Tuesday, April 14, 2015

Optimizer Hint @ Indian PGDay, Bangalore (11th April 2015)

I recently just got back from Indian PGDay conference 2015. It was an interesting, motivating and lot of knowledge sharing in terms of both attending and speaking at the conference.

I spoke about the various kind of "Optimizer Hint" provided by many database engines and also a new idea of "Hint", which can be provided to Optimizer. Some of the speakers shared their work on PostgreSQL as User.
Also it was interesting to know that many companies are evaluating migration or are in process of migrating from other DBs to PostgreSQL. This is really encouraging for all PostgreSQL experts.
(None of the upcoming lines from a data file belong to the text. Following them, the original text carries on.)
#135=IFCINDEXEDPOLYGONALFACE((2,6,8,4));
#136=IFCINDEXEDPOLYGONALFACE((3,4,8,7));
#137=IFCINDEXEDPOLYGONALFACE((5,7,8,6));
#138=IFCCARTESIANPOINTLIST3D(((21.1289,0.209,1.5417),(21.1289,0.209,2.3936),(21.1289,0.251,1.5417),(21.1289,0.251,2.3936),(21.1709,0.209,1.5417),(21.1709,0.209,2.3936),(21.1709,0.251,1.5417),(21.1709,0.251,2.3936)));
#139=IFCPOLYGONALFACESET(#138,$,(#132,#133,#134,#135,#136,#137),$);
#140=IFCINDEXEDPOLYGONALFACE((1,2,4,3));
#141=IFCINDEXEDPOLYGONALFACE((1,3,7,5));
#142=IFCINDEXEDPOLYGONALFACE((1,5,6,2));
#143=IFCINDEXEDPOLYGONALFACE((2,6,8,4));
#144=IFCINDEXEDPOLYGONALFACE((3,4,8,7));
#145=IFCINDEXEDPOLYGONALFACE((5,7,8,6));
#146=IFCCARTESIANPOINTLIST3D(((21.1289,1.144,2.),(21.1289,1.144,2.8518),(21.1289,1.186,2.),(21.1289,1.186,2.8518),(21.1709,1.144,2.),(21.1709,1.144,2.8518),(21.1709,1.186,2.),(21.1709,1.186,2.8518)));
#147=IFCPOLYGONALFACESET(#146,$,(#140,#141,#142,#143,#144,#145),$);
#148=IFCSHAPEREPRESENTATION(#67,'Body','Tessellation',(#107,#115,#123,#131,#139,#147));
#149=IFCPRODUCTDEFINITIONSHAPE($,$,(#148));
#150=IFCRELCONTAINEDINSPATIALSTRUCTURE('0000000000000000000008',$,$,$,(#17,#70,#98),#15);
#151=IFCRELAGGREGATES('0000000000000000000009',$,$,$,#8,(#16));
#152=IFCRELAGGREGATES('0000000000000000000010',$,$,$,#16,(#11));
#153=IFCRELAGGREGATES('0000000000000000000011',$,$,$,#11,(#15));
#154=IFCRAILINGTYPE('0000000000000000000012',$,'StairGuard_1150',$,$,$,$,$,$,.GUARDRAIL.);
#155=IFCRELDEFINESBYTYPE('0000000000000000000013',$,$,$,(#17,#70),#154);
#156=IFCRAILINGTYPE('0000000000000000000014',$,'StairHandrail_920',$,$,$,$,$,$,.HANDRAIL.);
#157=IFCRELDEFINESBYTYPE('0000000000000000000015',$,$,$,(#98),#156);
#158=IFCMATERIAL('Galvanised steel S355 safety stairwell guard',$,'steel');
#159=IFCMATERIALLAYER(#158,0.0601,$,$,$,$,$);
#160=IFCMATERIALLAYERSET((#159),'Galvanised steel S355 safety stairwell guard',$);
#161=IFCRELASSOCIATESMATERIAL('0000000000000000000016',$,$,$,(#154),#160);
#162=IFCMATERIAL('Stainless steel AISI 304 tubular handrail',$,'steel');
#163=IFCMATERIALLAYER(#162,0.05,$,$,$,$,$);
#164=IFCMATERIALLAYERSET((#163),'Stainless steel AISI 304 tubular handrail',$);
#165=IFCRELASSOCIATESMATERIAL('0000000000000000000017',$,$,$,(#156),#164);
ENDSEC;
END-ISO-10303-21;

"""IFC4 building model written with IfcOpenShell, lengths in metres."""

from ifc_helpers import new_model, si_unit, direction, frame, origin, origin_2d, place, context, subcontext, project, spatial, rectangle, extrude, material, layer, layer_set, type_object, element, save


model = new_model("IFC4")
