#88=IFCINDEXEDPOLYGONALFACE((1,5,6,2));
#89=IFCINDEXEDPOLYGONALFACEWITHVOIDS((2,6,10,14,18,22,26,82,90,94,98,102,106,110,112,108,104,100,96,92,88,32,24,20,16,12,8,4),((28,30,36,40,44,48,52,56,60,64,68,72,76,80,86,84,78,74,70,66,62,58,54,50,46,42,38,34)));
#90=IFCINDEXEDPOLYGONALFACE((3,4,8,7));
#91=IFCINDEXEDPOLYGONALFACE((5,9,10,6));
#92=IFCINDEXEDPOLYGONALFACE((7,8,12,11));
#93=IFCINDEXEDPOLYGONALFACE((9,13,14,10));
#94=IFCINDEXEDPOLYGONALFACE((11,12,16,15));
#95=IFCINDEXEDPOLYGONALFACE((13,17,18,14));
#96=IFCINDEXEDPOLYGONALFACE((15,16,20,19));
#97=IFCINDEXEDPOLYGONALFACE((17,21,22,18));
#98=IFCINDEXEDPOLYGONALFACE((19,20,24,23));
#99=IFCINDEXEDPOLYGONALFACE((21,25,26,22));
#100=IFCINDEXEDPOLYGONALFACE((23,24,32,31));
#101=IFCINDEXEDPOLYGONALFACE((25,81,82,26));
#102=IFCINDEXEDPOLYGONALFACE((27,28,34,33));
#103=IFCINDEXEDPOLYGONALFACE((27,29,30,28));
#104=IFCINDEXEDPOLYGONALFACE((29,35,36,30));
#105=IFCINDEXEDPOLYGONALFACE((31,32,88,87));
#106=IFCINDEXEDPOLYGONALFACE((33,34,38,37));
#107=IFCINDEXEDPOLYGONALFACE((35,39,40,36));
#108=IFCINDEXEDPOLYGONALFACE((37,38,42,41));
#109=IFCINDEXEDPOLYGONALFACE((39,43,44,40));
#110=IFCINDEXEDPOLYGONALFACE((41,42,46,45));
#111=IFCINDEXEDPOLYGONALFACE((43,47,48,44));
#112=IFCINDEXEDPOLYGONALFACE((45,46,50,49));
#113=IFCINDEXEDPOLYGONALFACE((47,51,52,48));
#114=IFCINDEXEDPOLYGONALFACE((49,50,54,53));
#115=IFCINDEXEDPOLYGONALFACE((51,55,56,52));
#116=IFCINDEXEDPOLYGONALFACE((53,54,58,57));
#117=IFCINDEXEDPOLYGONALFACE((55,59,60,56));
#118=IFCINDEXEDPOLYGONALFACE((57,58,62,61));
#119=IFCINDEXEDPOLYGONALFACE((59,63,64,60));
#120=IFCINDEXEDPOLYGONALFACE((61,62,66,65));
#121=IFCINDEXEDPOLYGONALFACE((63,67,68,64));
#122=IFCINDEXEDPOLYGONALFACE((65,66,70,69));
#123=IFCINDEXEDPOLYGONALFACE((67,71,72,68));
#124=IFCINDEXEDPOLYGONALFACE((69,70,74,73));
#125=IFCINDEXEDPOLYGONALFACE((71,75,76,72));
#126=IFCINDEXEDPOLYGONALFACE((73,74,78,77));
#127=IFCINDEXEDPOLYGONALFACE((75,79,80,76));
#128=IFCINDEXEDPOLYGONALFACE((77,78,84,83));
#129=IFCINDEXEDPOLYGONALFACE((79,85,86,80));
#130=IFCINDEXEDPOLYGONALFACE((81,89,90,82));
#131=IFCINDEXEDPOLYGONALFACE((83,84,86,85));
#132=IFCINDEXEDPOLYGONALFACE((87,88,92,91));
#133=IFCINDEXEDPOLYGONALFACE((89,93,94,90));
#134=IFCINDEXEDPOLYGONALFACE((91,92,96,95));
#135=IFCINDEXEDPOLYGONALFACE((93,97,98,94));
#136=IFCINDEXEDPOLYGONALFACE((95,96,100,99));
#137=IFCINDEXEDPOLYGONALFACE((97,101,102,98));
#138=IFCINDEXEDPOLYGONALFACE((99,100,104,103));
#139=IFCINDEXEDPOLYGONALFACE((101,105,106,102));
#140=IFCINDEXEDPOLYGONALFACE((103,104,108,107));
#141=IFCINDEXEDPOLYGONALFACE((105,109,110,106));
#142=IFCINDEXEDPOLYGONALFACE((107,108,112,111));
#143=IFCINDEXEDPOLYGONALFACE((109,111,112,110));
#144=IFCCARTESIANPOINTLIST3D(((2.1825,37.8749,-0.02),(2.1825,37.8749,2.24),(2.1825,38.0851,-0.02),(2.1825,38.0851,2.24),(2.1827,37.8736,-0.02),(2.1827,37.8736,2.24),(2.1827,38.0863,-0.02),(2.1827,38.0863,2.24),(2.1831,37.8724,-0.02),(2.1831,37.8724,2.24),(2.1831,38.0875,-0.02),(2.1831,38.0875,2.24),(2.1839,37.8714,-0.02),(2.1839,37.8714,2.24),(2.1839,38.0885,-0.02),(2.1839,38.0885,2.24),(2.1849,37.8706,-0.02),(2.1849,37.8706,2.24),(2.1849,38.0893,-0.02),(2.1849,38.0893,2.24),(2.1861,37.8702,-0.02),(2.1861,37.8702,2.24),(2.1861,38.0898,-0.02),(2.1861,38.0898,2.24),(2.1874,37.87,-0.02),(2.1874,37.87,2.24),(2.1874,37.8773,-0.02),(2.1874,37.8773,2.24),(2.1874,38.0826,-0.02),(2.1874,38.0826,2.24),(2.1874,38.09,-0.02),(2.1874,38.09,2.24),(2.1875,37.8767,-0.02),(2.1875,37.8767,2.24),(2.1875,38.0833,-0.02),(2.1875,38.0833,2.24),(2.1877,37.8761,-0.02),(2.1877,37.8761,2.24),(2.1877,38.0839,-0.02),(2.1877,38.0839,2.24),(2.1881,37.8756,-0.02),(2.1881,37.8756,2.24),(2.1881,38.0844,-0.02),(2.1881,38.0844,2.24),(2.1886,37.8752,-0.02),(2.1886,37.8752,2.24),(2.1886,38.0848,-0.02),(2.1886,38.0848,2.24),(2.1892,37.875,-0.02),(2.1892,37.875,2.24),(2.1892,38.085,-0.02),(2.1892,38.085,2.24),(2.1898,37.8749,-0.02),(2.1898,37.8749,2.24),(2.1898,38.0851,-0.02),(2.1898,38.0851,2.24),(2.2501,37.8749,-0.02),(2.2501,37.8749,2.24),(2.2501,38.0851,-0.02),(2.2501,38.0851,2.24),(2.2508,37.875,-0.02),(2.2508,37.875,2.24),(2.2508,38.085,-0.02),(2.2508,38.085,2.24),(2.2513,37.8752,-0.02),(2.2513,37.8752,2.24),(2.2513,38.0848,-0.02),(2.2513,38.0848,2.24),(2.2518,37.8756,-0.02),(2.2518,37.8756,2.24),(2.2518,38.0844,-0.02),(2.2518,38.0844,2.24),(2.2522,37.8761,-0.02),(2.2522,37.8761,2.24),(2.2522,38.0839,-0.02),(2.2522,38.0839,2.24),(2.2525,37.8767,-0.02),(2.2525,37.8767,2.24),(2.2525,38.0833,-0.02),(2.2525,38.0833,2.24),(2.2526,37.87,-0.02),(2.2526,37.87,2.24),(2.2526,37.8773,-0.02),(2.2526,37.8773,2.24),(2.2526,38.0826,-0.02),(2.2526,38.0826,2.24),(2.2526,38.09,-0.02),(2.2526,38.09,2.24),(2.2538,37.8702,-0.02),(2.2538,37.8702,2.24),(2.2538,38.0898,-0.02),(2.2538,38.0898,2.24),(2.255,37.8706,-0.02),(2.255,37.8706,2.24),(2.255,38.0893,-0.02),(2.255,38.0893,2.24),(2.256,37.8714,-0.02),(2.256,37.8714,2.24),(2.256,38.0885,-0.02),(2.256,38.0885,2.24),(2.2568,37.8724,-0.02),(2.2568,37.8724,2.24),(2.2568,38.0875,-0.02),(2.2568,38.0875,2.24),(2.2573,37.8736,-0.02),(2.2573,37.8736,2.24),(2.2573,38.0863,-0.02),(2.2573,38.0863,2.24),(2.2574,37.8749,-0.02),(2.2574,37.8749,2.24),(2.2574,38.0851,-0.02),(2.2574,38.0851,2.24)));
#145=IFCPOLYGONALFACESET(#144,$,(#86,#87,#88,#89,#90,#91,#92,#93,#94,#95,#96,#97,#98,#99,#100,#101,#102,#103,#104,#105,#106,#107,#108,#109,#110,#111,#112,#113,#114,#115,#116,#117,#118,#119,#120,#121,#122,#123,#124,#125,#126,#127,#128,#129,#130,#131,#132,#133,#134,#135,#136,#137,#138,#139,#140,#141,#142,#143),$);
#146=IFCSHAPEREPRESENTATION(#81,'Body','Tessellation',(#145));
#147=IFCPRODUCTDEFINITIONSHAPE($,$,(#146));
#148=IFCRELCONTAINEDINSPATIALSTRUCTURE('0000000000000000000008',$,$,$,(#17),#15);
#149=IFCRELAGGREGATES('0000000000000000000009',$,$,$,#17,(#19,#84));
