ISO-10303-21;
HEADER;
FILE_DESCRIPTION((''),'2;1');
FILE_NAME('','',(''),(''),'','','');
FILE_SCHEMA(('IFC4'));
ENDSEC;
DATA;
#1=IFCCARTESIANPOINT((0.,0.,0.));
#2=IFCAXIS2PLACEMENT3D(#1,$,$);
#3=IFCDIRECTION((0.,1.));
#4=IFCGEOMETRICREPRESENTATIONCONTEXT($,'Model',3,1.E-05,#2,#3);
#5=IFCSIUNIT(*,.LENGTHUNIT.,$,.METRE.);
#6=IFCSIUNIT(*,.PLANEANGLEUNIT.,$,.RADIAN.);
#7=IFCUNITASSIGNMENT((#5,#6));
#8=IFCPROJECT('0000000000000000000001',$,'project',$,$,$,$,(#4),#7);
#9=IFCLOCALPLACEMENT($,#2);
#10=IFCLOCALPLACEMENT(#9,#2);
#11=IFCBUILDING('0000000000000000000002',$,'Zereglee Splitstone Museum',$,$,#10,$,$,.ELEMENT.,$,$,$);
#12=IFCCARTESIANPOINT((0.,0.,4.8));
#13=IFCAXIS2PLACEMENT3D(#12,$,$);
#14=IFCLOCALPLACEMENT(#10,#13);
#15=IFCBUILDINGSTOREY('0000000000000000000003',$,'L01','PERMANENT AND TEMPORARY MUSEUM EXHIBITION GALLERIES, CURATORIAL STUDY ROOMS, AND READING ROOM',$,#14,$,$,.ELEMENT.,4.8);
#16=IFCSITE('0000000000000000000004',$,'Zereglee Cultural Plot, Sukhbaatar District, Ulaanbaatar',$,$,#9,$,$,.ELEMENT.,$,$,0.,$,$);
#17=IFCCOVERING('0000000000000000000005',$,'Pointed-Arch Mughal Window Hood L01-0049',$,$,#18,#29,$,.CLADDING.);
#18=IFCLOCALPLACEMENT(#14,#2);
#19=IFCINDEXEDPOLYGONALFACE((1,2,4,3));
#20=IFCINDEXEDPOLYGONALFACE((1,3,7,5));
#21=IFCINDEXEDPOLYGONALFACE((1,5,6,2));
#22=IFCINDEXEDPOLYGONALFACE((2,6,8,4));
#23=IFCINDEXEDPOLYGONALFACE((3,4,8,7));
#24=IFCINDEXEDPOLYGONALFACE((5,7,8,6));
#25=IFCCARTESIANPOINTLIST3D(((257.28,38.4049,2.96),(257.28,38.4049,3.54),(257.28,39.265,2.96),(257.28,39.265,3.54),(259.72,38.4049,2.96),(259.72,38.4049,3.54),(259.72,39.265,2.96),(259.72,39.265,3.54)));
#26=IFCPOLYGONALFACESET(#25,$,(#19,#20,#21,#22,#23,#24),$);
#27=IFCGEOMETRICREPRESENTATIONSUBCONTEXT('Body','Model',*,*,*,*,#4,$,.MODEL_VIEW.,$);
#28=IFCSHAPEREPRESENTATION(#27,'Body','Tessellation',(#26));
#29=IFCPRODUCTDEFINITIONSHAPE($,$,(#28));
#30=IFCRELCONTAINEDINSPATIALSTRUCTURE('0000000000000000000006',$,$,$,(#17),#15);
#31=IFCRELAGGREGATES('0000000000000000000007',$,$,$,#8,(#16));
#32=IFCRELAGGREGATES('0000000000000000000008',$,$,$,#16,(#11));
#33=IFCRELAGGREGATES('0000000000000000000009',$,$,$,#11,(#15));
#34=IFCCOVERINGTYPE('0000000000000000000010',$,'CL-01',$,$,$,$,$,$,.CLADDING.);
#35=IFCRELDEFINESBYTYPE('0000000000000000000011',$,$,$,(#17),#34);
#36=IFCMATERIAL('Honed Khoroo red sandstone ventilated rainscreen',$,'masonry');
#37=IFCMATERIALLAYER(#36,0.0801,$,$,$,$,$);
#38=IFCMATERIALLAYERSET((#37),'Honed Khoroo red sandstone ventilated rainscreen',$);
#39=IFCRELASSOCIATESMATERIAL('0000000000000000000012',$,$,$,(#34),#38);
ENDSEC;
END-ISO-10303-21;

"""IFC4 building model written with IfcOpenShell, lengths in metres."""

from ifc_helpers import new_model, si_unit, direction, frame, origin, origin_2d, place, context, subcontext, project, spatial, rectangle, extrude, material, layer, layer_set, type_object, element, save


model = new_model("IFC4")

# Units and contexts
model_context = context("Model", 3, precision=1e-05, world=origin(), true_north=direction((0.0, 1.0)))
body_context = subcontext(model_context, "Body", "Model", "MODEL_VIEW")
ifc_project = project(units=[si_unit("LENGTHUNIT", "METRE"), si_unit("PLANEANGLEUNIT", "RADIAN")], contexts=[model_context])

# Site, building, storey
site_placement = place(None, origin())
site = spatial("IfcSite", under=ifc_project, at=site_placement, Name="Zereglee Cultural Plot, Sukhbaatar District, Ulaanbaatar", CompositionType="ELEMENT", RefElevation=0.0)
building_placement = place(site_placement, origin())
building = spatial("IfcBuilding", under=site, at=building_placement, Name="Zereglee Splitstone Museum", CompositionType="ELEMENT")
storey_placement = place(building_placement, frame((0.0, 0.0, 4.8)))
storey = spatial("IfcBuildingStorey", under=building, at=storey_placement, Name="L01", Description="PERMANENT AND TEMPORARY MUSEUM EXHIBITION GALLERIES, CURATORIAL STUDY ROOMS, AND READING ROOM", CompositionType="ELEMENT", Elevation=4.8)

# Covering
ifc_material_1 = material(Name="Honed Khoroo red sandstone ventilated rainscreen", Category="masonry")
ifc_layer_1 = layer(ifc_material_1, 0.0801)
ifc_layer_set_1 = layer_set([ifc_layer_1], Name="Honed Khoroo red sandstone ventilated rainscreen")
covering_type_1 = type_object("IfcCoveringType", Name="CL-01", PredefinedType="CLADDING", material=ifc_layer_set_1)
for number, where, z_axis, x_axis, name in (
    (1, (258.5, 38.835, 2.96), (0.0, 0.0, 1.0), (-1.0, 0.0, 0.0), "Pointed-Arch Mughal Window Hood L01-0049"),
):
    element("IfcCovering", number, at=place(storey_placement, frame(where, z_axis=z_axis, x_axis=x_axis)), inside=storey, type_object=covering_type_1, Name=name, PredefinedType="CLADDING", context=body_context, shape_type="SweptSolid", body=[
        extrude(rectangle(XDim=2.4399, YDim=0.8601, at=origin_2d()), origin(), (0.0, 0.0, 1.0), 0.5801),
    ])

save(model, "model.ifc")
Some of the details from presentation are as below (For complete presentation please visit Full Optimizer Hint)

Statistics Hint:

Statistics Hint is used to provide any kind of possible statistics related to query, which can be used by optimizer to yield the even better plan compare to what it would have done otherwise.
Since most of the databases stores statistics for a particular column or relation but doesn't store statistics related to join of column or relation. Rather these databases just multiply the statistics of individual column/relation to get the statistics of join, which may not be always correct.

Example:
Lets say there is query as
SELECT * FROM EMPLOYEE WHERE GRADE>5 AND SALARY > 10000;

If we calculate independent stats for a and b.
suppose sel(GRADE) = .2 and sel(SALARY) = .2;

then sel (GRADE and SALARY) =
sel(GRADE) * sel (SALARY) = .04.
 
In all practical cases if we see, these two components will be highly dependent i.e. if first column satisfy,second column will also satisfy. Then in that case sel (GRADE and SALARY) should be .2 not .04. But current optimizer will be incorrect in this case and may give wrong plan.

Data Hint:

This kind of hints provides the information about the relationship/ dependency among relations or column to influence the plan instead of directly hinting to provide desired plan or direct selectivity value. Optimizer can consider dependency information to derive the actual selectivity.

Example:
Lets say there is a query as
SELECT * FROM TBL  WHERE ID1 = 5 AND ID2=NULL;
SELECT * FROM TBL  WHERE ID1 = 5 AND ID2!=NULL;

Now here if we specify that the dependency as
“If TBL.ID1 = 5 then TBL.ID2 is NULL”
then the optimizer will always consider this dependency pattern and accordingly combined statistics for these two columns can be choosen.

Note: This feature is not yet available in PG.

Conclusion:
Unlike other DB, we can provide some actual statistics information to optimizer to come out with the most optimal plan instead of directly telling planner to choose one specific plan.